But for the children he was abusing no one believed them.  They were just kids.  He was a well-respected adult in a position of authority.
Rideout was the assistant curate at St. Mary’s Church in Southgate, Crawley from September 1962 to September 1965 and during that time, he would regularly visit a Barnardo’s children’s home, Ifield Hall, which has since been demolished

A number of his victims attempted to speak out about what Rideout was doing, but tragically at the time of the offences, a child’s word was not believed.

"If you tell anyone, you will get into trouble"
 That's what my abuser used to say to me...
Those who were brave enough to say anything were subjected to brutal beatings.
"No one will ever believe you" was another favorite of his...
Some of his victims told police in interviews that it simply ‘wasn’t worth complaining’ because of the punishment they would receive in return.

Immeasurable Suffering

In a statement released by the Bishop of Chichester he commended the victims/survivors for their bravery in speaking out, but noted their "immeasurable suffering" as well.
“Gordon Rideout has been the cause of immeasurable and destructive suffering over a long period of time; he has also betrayed the trust and respect of many who have valued his ministry.
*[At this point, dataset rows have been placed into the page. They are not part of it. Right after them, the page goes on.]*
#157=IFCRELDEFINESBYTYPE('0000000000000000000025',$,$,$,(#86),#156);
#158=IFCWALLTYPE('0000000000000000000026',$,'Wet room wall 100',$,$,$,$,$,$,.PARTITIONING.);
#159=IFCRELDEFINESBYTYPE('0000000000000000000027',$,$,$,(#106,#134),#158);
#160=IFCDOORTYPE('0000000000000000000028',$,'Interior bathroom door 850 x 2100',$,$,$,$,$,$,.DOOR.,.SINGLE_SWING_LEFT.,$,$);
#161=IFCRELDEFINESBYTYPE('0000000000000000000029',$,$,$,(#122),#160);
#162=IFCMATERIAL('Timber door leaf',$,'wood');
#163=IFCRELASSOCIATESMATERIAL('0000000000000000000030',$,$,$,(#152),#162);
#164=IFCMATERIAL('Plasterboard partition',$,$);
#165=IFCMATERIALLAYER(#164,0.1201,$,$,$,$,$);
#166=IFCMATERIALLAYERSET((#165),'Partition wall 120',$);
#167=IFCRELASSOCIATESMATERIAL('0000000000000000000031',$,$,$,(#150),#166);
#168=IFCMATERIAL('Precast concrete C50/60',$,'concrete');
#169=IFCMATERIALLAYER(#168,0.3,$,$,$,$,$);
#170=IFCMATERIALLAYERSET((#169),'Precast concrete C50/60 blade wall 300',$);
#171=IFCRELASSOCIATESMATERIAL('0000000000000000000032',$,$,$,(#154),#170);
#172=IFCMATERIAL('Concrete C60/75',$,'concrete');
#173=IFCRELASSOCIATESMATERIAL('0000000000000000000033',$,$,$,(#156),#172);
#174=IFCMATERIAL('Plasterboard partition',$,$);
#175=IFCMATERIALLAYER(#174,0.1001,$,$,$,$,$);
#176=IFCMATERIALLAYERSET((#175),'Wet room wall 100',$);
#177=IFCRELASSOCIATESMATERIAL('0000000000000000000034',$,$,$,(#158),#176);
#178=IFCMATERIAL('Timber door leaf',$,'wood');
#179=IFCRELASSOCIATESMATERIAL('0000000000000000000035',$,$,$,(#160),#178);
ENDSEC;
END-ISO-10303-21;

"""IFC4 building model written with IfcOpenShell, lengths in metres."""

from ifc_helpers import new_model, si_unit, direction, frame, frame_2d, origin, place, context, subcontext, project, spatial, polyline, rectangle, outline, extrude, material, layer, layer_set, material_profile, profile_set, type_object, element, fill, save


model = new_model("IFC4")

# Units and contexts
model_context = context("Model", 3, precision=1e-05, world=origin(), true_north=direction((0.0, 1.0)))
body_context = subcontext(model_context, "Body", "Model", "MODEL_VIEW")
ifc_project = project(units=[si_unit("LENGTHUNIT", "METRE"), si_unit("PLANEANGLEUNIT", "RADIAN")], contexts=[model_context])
Today’s verdict will have repercussions in many different ways across Sussex and beyond.

We must do better in protecting/believing our children

"A child's word was not to be believed" - interesting that they use the past tense here.  These offences occurred in the mid 1960s - but have we really come that far?  Would you believe a child over a trusted adult today?  
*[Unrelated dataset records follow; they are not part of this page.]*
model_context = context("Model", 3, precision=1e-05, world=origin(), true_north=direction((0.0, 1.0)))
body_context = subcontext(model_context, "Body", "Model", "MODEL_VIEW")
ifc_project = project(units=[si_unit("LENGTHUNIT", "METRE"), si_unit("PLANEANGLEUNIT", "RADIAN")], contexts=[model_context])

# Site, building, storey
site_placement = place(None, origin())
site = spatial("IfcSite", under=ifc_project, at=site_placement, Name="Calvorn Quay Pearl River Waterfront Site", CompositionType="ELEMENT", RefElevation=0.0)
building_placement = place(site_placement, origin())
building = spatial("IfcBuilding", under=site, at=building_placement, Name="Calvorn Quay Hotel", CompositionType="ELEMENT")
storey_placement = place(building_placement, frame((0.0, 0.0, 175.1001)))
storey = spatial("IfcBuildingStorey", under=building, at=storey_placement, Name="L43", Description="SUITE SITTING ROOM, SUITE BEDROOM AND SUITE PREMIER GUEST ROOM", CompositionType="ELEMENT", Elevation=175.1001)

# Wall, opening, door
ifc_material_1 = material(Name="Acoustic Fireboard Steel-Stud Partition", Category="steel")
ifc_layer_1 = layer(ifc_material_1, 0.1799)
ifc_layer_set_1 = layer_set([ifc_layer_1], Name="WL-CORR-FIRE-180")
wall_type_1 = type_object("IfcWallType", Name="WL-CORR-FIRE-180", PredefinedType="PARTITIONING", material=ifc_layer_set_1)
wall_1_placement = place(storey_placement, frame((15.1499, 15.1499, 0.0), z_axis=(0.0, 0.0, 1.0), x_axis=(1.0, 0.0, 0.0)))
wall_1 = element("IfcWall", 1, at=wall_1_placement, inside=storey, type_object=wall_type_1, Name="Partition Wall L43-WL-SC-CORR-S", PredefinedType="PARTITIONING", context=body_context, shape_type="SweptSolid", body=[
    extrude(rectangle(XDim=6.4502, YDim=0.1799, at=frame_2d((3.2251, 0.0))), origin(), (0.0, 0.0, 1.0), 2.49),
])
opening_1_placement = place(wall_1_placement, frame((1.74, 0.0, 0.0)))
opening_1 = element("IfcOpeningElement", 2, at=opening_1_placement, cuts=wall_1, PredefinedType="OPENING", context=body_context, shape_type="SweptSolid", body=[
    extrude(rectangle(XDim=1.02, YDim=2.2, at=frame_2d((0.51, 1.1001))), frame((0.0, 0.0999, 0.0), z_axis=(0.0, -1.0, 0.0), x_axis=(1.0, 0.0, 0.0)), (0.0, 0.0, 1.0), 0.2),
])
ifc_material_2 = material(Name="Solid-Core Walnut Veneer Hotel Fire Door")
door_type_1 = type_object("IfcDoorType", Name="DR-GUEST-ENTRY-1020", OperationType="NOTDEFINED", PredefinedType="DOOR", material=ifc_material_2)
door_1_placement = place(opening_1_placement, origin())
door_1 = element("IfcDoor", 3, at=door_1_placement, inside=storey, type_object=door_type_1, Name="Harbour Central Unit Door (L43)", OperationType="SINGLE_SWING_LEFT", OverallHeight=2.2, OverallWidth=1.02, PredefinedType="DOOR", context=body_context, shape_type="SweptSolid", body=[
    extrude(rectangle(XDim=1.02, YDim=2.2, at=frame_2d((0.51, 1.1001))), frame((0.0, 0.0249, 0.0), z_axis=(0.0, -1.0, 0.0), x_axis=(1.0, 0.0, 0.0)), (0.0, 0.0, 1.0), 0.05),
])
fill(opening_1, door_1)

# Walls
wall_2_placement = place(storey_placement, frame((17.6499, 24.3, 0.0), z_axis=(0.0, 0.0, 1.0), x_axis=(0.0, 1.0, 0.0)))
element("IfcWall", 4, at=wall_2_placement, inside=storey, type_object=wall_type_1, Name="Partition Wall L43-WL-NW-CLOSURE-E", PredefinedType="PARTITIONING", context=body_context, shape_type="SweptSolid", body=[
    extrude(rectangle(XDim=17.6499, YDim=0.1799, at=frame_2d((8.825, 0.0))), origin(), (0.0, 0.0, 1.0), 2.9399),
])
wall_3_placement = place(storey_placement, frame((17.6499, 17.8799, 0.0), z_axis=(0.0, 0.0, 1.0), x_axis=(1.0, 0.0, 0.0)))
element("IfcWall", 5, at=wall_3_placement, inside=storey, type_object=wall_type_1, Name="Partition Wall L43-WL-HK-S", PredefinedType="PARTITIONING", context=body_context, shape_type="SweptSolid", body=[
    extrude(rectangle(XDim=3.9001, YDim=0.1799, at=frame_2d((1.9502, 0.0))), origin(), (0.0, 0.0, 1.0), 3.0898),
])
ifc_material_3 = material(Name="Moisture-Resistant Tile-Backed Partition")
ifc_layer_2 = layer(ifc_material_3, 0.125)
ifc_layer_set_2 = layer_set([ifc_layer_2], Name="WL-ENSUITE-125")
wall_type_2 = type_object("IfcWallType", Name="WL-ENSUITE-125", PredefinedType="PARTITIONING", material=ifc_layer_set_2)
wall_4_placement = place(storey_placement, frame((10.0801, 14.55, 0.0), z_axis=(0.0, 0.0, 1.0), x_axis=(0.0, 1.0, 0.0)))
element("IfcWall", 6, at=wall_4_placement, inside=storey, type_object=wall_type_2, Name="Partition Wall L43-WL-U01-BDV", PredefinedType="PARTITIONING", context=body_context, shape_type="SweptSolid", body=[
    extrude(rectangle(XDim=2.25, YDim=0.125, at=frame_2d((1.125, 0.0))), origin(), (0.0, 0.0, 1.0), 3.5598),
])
“...we are left with the question of why it has taken so long for these grave accusations to be taken seriously and brought to trial. What lessons do we all have to learn from this terrible catalogue of abuse about the strength and effectiveness of our communication within and between agencies that have responsibility for the safeguarding of children and vulnerable adults?

If you know or suspect a child is being abused

If you know or suspect that a child is being abused, you should always take it seriously. A good rule of thumb is to assume a “false positive”- in other words, assume that abuse is occurring if you have suspicions, and respond accordingly.

What to Say

•If a child even hints in a vague way that sexual abuse has occurred, encourage him or her to talk freely. Don’t make judgmental comments.
•Show that you understand and take seriously what the child is saying. Child and adolescent psychiatrists have found that children who are listened to and understood do much better than those who are not. The response to the disclosure of sexual abuse is critical to the child’s ability to resolve and heal the trauma of sexual abuse.
•Assure the child that they did the right thing in telling. A child who is close to the abuser may feel guilty about revealing the secret. The child may feel frightened if the abuser has threatened to harm the child or other family members as punishment for telling the secret.
•Tell the child that he or she is not to blame for the sexual abuse. Most children in attempting to make sense out of the abuse will believe that somehow they caused it or may even view it as a form of punishment for imagined or real wrongdoings.
•Finally, offer the child protection, and promise that you will promptly take steps to see that the abuse stops.

What to Do

•Report any suspicion of child abuse. If the abuse is within the family, report it to the local Child Protection Agency. If the abuse is outside of the family, report it to the police or district attorney’s office. Individuals reporting in good faith are immune from prosecution. The agency receiving the report will conduct an evaluation and will take action to protect the child.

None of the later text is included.